Another reviewer, Michael Wiseman, has suggested developing a dynamic model in which the speed of adjustment of the caseload depends on the difference between the actual caseload and a long-run equilibrium level. Such a model would put a different structure on the lagged variables and include the lagged caseload variable as an explanatory variable. This seems to be echoed, but with a twist, in the comments of a third reviewer, Don Winstead, who suggests that lack of program capacity to deal with the large numbers filing for benefits during the Florida recession resulted in larger caseloads than would have been realized had capacity been greater.
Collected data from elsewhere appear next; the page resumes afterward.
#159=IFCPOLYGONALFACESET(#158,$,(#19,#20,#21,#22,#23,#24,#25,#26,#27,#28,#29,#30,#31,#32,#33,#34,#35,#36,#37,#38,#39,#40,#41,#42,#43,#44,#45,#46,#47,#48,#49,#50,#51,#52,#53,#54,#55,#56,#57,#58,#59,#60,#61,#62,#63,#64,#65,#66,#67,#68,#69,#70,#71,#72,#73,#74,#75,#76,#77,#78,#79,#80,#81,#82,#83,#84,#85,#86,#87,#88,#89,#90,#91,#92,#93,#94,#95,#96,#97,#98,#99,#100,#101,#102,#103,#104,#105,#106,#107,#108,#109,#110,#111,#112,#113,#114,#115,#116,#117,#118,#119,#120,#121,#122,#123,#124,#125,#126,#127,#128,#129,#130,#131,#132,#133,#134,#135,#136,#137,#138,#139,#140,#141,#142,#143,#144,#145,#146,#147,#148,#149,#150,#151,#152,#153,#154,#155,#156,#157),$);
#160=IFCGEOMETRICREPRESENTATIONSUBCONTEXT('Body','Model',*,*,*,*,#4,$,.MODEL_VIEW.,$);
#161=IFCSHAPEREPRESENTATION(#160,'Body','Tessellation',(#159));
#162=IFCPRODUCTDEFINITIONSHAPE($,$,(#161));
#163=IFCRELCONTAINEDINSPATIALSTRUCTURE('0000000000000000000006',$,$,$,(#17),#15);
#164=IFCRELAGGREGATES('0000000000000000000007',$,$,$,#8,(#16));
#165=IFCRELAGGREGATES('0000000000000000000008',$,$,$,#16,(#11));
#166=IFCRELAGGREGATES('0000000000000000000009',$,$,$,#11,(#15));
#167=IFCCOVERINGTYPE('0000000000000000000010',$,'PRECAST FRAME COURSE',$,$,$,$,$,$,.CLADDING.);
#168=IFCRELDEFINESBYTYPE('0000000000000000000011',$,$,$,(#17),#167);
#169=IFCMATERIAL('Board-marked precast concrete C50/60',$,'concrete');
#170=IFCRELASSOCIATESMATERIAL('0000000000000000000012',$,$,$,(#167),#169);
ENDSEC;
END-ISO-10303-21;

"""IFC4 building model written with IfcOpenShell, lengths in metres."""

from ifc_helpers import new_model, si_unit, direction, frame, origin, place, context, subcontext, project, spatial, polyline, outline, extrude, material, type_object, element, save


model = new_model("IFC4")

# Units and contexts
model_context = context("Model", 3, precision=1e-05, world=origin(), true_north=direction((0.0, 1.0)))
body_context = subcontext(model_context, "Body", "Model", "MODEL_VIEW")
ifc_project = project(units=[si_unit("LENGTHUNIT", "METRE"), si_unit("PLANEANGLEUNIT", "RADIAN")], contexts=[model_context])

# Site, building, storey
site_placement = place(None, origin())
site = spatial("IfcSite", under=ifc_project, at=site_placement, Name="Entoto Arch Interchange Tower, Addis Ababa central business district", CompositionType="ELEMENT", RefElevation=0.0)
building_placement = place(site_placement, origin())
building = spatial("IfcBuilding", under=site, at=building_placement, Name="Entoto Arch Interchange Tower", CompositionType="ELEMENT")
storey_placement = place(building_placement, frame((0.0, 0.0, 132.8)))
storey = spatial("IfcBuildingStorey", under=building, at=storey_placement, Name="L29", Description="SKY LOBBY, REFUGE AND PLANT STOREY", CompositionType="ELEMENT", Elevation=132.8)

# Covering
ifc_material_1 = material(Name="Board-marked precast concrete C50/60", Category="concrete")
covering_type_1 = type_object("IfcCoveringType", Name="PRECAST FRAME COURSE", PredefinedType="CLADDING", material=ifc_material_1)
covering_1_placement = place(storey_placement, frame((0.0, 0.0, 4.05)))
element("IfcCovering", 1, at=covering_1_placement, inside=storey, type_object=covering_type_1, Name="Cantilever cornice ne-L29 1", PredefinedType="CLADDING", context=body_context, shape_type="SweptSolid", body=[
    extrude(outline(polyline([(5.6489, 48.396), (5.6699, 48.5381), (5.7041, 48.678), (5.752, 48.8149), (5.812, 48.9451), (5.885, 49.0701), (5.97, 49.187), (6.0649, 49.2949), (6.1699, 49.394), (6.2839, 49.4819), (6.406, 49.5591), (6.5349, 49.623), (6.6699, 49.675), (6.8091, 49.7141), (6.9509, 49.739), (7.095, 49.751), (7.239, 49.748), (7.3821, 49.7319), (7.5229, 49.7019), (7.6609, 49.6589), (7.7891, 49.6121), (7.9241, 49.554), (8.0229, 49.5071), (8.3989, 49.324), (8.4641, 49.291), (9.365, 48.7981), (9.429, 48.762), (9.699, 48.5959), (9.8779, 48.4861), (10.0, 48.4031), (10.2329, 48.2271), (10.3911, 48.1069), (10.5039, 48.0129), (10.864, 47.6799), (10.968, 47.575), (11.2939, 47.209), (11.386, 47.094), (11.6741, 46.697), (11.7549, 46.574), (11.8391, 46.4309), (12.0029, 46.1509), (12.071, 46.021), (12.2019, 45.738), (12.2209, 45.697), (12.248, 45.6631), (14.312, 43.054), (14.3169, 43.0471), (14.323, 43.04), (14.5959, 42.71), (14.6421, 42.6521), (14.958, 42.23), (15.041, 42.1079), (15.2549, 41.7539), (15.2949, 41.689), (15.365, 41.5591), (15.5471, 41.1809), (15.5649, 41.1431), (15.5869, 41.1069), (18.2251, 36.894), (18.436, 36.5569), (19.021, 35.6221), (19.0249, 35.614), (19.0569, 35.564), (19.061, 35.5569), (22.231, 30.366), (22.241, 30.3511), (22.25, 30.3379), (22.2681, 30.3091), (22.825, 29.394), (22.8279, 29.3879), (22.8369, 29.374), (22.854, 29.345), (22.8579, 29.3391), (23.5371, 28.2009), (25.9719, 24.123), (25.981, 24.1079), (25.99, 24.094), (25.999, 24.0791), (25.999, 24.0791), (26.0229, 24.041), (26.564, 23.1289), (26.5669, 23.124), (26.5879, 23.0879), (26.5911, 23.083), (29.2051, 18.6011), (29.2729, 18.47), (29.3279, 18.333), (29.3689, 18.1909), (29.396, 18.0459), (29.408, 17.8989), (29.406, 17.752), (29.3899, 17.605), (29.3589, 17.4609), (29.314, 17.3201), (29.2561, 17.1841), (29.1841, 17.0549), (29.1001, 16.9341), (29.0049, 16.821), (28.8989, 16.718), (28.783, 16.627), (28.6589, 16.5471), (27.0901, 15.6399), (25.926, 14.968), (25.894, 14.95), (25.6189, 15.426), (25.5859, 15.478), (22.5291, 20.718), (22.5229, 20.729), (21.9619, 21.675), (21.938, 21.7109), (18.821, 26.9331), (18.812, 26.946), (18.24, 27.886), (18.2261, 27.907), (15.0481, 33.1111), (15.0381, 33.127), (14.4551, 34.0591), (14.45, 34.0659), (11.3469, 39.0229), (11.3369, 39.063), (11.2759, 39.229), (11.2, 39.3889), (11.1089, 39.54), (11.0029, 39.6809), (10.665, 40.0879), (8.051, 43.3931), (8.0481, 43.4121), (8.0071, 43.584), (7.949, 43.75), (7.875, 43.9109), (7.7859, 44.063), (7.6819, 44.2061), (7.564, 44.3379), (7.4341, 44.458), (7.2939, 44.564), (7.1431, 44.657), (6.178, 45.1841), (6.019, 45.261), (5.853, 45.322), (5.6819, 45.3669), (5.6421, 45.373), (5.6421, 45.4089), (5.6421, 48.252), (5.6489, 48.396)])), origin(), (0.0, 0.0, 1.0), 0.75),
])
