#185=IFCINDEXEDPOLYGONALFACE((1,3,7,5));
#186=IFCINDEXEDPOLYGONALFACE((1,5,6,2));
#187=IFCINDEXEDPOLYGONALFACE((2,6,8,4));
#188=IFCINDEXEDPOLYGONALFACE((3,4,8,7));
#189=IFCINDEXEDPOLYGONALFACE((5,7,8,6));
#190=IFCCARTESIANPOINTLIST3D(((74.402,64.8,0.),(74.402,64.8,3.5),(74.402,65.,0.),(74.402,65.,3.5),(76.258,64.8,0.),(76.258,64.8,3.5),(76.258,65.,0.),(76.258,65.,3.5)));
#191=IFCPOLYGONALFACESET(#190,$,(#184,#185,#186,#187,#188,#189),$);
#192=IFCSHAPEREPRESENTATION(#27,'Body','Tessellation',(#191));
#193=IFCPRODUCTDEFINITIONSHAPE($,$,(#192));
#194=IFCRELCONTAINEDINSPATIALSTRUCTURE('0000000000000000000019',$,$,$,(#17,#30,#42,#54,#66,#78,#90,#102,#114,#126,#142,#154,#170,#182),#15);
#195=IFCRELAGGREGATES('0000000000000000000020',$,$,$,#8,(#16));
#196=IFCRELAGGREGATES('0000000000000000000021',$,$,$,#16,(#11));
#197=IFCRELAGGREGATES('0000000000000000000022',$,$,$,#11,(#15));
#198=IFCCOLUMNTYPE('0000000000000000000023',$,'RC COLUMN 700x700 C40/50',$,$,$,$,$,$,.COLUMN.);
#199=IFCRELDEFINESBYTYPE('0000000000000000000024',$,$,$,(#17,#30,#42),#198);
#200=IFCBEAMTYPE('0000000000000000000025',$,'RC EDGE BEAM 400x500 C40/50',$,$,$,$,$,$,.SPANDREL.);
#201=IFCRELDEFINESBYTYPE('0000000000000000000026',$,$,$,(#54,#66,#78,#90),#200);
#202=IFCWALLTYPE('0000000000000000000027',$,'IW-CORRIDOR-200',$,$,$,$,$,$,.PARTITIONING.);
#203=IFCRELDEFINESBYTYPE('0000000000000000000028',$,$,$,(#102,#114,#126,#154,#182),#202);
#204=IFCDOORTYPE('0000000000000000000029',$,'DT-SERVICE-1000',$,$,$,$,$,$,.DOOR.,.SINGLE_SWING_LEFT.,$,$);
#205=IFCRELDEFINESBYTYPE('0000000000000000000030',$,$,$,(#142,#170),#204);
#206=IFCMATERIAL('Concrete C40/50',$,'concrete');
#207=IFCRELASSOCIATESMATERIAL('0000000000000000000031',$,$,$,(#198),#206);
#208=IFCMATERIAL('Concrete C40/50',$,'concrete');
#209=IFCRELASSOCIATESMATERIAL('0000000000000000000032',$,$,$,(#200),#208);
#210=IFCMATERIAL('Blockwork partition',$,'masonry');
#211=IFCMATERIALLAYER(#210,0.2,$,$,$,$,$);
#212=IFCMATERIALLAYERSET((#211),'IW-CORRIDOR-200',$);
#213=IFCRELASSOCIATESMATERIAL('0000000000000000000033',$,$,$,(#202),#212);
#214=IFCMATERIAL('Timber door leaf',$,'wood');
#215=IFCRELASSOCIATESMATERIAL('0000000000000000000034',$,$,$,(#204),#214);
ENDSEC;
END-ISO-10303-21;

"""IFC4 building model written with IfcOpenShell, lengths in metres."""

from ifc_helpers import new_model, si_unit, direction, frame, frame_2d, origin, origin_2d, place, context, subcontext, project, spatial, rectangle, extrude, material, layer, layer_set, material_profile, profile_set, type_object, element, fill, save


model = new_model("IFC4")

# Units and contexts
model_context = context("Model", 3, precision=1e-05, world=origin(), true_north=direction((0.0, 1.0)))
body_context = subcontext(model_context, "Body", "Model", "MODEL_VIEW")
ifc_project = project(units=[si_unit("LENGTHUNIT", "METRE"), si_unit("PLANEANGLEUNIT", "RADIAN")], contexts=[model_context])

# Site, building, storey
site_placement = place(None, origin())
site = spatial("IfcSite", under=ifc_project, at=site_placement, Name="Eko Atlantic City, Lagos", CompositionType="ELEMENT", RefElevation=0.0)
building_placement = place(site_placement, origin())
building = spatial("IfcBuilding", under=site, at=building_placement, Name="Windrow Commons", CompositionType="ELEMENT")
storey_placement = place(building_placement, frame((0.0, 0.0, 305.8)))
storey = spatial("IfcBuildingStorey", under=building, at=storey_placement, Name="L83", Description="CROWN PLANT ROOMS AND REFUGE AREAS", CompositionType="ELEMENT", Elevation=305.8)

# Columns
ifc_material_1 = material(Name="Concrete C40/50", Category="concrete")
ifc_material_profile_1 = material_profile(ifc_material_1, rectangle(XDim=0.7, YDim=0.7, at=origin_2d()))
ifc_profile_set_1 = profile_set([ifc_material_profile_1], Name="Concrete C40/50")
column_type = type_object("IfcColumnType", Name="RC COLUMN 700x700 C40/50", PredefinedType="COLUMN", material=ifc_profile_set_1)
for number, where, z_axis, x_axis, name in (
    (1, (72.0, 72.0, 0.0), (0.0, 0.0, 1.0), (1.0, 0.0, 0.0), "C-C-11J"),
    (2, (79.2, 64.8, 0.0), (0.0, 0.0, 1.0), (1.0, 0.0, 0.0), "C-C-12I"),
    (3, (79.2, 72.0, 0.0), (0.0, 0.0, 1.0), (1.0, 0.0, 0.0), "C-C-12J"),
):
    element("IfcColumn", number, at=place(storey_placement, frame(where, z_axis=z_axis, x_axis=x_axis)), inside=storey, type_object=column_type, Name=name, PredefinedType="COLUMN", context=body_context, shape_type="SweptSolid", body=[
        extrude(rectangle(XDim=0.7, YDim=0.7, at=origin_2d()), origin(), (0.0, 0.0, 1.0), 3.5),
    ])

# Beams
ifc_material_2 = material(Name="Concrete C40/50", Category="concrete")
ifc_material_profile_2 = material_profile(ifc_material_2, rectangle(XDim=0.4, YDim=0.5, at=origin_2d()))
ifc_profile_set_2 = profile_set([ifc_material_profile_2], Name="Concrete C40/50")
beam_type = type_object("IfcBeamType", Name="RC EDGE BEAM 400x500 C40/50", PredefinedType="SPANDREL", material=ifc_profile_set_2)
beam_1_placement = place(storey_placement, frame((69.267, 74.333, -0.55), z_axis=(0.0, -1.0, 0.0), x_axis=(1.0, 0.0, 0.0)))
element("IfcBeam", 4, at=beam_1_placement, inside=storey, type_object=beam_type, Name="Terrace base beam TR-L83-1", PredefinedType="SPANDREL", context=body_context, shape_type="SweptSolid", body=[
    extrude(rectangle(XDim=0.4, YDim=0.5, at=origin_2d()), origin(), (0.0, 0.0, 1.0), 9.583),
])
Don Winstead also suggested that changes in the unemployment rate lag, rather than lead, caseload changes in a recession, but lead them in a recovery. The theory is that low-skill workers are the first fired in a downturn and last hired in a recovery.

8. More extensive analyses of actual and predicted series in individual states might be useful. The independent reviews of our findings for four selected states were useful in both understanding growth in those states and understanding the strengths and weaknesses of the model. We did not have an opportunity to revise the model to incorporate information we obtained from these reviews, but this would be feasible. For instance, Steven Thompson reported that he found a substantial interaction in his time-series model between an 1115 waiver for the "Up-Front Job Search" program and labor market variables. The estimated coefficients of the labor market variables increased substantially after the program's implementation. This essential elements of this specification could be implemented in the pooled model. Detailed assessments for additional states might also be very useful.